– Унижение, Яспер? Думаешь, это круто? А?
Яспер лежал, стараясь перехватить взгляд Лео, а в собственных его глазах читалось всё разом. Недоумение. Разочарование. Ненависть. Обида. Животное, готовое драться, но не прикрывшее горло.
Лео дождался, пока Яспер снова встанет. Тогда-то и поднял оружие. Повернул его. Протянул Ясперу. Тот машинально взял, толком ничего не понимая. Даже когда Лео схватился за ствол и приставил дуло к собственному лбу, прижал к медленно пульсирующей там злости.
– Ты унизил Винсента! Моего младшего брата!
Яспер пытался опустить оружие, но Лео схватил
его правую руку, разогнул пальцы и положил указательный на спуск.
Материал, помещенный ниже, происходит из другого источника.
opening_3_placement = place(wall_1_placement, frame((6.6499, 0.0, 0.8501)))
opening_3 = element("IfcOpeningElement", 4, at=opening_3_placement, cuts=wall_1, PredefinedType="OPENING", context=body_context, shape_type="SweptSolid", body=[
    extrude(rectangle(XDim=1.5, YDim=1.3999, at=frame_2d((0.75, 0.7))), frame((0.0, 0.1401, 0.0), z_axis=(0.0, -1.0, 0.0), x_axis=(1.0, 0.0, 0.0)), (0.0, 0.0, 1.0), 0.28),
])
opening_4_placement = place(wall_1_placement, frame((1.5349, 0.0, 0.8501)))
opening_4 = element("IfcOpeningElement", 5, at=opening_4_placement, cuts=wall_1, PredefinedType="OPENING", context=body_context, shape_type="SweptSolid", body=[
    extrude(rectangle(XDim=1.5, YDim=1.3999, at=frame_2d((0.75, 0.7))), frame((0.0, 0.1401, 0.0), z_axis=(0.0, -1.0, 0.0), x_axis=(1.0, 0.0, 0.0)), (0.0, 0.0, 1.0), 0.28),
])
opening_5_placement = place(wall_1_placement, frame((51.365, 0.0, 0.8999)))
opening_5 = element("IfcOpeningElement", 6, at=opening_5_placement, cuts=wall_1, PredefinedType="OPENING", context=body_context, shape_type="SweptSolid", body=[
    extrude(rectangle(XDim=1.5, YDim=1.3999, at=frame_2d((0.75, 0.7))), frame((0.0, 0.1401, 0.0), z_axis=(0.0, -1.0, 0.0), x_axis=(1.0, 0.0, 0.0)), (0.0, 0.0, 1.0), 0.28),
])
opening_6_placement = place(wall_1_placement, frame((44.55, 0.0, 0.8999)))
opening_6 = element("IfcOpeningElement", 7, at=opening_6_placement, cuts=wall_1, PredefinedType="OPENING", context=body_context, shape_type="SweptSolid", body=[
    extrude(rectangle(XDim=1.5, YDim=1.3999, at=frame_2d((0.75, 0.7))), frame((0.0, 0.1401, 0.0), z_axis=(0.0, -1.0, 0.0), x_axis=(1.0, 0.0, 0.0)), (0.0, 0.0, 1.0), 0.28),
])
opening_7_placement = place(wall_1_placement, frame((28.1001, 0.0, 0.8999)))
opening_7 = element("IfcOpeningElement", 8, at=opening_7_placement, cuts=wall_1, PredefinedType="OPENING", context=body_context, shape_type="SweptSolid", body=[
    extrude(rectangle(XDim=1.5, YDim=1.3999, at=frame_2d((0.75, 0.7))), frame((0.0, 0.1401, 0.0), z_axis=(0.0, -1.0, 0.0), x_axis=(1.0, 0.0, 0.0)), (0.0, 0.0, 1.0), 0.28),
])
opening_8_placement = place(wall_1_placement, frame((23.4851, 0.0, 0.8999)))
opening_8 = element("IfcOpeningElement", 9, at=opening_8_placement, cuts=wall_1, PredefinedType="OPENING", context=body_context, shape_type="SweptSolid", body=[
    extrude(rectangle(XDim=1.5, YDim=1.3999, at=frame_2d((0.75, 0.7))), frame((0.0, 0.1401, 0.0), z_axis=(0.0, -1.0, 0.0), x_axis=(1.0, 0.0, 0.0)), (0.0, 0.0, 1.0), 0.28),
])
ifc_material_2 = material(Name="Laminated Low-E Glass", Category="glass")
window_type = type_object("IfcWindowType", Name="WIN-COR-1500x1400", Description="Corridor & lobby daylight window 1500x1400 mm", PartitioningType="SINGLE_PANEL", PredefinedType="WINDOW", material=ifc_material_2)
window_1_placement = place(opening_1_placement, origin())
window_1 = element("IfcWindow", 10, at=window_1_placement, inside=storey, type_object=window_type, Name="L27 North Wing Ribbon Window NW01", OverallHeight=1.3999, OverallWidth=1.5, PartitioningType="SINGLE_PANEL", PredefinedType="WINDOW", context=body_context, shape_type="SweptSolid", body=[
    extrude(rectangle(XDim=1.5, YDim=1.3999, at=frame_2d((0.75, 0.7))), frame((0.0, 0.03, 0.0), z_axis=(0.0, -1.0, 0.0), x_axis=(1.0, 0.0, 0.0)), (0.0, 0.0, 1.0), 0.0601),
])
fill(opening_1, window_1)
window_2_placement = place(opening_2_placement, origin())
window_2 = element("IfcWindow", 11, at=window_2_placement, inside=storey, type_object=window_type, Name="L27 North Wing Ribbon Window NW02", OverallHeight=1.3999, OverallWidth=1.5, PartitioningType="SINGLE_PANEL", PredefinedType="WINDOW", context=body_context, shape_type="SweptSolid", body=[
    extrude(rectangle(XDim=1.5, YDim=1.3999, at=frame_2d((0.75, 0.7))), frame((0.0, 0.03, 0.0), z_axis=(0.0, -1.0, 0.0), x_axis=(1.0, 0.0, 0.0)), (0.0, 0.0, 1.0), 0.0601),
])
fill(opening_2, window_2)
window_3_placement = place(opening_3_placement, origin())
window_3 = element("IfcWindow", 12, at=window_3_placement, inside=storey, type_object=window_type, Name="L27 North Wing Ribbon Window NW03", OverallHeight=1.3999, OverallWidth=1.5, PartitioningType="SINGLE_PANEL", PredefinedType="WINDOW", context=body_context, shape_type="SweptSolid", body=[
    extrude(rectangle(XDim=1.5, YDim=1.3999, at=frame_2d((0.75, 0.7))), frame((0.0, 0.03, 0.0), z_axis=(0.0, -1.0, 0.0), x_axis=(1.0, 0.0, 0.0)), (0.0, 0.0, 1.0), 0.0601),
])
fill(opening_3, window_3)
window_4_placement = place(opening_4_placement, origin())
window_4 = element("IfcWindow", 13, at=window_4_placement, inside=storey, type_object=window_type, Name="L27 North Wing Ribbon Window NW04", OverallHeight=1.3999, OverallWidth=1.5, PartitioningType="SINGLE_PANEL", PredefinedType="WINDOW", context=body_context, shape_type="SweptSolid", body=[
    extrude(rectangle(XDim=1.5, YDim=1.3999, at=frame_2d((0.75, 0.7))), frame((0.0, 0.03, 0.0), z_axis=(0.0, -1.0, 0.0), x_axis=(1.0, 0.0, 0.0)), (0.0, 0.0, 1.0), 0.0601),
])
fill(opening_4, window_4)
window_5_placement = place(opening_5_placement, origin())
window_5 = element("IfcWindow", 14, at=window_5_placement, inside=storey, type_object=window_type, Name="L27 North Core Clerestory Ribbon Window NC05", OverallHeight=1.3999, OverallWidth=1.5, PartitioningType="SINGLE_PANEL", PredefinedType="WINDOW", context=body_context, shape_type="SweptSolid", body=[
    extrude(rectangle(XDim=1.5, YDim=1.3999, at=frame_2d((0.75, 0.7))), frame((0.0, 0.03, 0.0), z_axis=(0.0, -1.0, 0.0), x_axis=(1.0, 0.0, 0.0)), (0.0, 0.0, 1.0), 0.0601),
– Перестань, Лео. Перестань!
Новый удар по щеке, на которой уже проступили широкие красные полосы.
– Угрожая моему брату, ты угрожаешь мне! Прижимая ствол себе ко лбу, Лео шагнул вперед,
и Яспер попятился.
– Унижая Винсента, ты унижаешь меня!
Спина Яспера уперлась в стену, банкноты, развешенные на веревке, болтались между их лицами.
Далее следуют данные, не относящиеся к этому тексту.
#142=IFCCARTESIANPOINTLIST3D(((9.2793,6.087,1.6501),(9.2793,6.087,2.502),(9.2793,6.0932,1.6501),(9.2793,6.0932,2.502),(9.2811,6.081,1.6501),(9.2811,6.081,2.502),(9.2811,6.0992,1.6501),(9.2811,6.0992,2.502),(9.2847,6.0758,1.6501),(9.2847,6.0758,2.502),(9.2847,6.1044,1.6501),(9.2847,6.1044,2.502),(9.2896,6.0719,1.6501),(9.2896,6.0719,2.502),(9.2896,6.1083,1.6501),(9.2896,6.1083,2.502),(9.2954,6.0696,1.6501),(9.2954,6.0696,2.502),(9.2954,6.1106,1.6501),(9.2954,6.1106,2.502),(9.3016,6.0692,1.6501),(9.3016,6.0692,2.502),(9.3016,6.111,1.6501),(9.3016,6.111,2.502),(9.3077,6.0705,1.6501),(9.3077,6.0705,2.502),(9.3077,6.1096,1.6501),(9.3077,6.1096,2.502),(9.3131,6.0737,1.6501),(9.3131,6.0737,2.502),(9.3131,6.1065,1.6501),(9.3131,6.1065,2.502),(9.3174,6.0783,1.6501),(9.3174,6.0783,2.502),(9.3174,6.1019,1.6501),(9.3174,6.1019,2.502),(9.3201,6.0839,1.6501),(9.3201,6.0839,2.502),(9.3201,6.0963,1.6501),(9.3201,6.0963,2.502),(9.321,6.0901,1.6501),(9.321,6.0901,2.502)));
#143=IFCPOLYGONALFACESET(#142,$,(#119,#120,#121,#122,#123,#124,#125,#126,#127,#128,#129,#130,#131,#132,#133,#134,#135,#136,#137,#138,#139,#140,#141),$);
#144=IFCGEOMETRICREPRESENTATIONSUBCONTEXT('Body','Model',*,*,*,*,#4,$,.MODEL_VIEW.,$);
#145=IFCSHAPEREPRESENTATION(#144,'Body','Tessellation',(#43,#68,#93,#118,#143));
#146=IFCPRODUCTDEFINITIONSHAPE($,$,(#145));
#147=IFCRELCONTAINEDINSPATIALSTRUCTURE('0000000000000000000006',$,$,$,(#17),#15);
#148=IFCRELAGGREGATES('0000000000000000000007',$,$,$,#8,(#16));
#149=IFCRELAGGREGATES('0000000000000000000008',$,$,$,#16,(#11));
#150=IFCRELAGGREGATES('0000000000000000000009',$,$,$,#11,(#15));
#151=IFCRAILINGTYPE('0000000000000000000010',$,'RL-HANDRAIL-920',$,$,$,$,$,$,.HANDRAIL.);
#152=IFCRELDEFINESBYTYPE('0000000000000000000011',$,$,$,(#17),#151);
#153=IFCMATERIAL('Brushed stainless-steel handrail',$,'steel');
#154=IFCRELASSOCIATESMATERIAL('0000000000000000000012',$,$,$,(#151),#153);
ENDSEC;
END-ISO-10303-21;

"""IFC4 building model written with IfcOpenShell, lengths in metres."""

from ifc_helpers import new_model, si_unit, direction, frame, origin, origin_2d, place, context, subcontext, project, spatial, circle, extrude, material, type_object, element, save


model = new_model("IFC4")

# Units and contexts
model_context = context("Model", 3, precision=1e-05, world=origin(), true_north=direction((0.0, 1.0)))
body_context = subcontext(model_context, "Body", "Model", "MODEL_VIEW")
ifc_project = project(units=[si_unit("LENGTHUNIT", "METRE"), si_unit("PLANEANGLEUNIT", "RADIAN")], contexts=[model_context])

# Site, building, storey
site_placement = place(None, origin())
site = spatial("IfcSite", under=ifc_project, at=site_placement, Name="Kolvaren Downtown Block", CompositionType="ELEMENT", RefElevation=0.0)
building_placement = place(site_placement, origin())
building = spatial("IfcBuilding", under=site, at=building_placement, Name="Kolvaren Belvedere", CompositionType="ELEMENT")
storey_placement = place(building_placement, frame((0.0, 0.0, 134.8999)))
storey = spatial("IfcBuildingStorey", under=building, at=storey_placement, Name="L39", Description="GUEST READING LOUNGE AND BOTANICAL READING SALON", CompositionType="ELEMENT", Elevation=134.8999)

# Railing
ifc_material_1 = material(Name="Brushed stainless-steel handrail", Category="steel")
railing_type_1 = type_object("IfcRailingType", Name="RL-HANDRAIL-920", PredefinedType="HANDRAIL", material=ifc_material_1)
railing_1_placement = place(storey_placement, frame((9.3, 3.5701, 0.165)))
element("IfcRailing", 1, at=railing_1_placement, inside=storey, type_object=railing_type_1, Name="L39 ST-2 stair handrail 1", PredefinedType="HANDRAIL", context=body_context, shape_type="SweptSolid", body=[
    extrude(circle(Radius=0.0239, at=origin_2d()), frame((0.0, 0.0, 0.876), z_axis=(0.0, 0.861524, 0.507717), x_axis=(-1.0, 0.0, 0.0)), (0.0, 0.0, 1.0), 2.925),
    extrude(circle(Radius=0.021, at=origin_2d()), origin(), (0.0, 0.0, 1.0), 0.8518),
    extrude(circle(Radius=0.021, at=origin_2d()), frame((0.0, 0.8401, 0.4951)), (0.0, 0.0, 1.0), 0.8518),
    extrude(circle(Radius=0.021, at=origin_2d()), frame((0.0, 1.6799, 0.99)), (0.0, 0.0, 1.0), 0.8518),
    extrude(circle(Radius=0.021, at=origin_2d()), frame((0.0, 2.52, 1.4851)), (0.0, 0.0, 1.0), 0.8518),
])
– Если ты решил убить его, сперва убей меня! Разочарование, ненависть, недоумение во взгляде
сменились чем-то иным, пришедшим изнутри, чем-то, чего Лео никогда раньше не видел. Ужасом.
– Прости. Лео… прости.
Они долго стояли вот так, лицом к лицу.
Лео выпустил оружие.
– Теперь забирай свои деньги. И уходи.
Он забрал автомат из судорожной хватки Яспера, поставил на предохранитель.
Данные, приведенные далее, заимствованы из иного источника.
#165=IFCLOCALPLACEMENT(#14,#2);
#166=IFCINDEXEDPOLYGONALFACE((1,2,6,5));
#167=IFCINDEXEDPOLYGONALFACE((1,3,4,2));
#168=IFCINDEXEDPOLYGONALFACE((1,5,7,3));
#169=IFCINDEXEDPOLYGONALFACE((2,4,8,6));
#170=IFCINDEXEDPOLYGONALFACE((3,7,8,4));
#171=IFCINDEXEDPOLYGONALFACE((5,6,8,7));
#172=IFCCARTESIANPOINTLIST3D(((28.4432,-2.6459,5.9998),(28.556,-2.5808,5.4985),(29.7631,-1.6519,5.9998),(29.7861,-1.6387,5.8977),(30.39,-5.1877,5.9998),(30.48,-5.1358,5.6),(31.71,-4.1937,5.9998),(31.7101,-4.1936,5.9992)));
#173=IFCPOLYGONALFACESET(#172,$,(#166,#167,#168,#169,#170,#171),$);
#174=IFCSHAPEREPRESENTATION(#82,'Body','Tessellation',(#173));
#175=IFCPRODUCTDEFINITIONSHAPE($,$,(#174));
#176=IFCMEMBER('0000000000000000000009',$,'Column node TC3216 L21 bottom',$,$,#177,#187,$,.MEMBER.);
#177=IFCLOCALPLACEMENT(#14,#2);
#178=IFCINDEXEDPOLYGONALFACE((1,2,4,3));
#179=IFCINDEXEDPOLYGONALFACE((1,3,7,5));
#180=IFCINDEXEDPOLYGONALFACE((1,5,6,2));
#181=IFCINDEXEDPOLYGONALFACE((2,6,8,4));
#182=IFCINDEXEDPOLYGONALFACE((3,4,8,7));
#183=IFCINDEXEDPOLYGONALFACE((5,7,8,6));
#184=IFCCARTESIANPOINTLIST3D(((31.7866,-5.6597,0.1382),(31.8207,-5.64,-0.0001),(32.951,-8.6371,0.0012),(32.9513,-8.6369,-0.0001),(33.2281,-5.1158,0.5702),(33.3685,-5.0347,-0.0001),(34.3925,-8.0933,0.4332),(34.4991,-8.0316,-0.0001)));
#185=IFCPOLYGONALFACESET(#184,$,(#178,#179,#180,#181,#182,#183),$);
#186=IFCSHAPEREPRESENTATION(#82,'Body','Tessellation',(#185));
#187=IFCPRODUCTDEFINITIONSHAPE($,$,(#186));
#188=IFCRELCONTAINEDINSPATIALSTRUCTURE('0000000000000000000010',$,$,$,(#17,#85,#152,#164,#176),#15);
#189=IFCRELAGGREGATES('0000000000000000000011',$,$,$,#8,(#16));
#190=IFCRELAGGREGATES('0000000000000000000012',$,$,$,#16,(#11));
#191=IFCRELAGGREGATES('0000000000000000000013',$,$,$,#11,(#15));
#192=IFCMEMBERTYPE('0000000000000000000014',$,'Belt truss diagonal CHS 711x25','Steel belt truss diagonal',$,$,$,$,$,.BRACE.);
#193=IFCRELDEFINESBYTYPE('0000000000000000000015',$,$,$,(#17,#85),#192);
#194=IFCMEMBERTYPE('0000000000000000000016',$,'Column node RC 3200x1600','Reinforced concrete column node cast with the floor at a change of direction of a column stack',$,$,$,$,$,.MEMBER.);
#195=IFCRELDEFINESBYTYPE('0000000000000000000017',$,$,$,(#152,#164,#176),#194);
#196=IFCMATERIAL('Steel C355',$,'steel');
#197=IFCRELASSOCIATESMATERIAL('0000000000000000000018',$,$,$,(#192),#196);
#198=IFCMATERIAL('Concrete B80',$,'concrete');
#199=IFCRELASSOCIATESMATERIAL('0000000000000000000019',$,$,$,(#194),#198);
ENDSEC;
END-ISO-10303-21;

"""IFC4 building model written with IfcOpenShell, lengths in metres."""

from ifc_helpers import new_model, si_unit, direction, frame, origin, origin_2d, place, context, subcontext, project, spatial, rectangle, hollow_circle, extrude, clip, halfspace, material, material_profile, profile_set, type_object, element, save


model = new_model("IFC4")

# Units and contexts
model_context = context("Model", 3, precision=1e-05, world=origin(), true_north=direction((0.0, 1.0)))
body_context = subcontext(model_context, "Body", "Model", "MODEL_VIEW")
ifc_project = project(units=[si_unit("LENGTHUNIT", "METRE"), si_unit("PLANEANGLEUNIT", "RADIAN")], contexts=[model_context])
– Лео… Лео… Прости! Больше такое не повторится! Клянусь! Не повторится, никогда…
Последний удар, уже не ладонью. И Яспер не упал, просто сполз вниз по стене.
– Клянусь… черт…
Струйка слюны и крови на губах.
– Все, что ты знаешь обо мне и что я знаю о тебе, после твоего ухода останется в этих стенах, – сказал Лео. – И мы с тобой никогда больше не увидимся.
Он подождал, пока дверь гаража закроется. Снова один. Наверно, теперь все и правда кончено.
Но нет.
Пока нет. Не для него. Пока нет.
Он против них, против всех этих вонючих легавых, он бросит вызов всему полицейскому корпусу и одержит над ними верх, – настал его черед ставить требования, а они будут слушать и дадут те ответы, какие ему нужны.
62
Джон Бронкс никогда ни перед чем не пасовал. Не мог. Ни перед людьми, ни перед расследованиями. Вообще ни перед чем. Возможно, это сила – никогда не сдаваться и не отступать, ходить с мотором в груди, который никогда не отключается. А возможно, это ад – собирать и носить в себе, никогда не освобождаясь от этого груза.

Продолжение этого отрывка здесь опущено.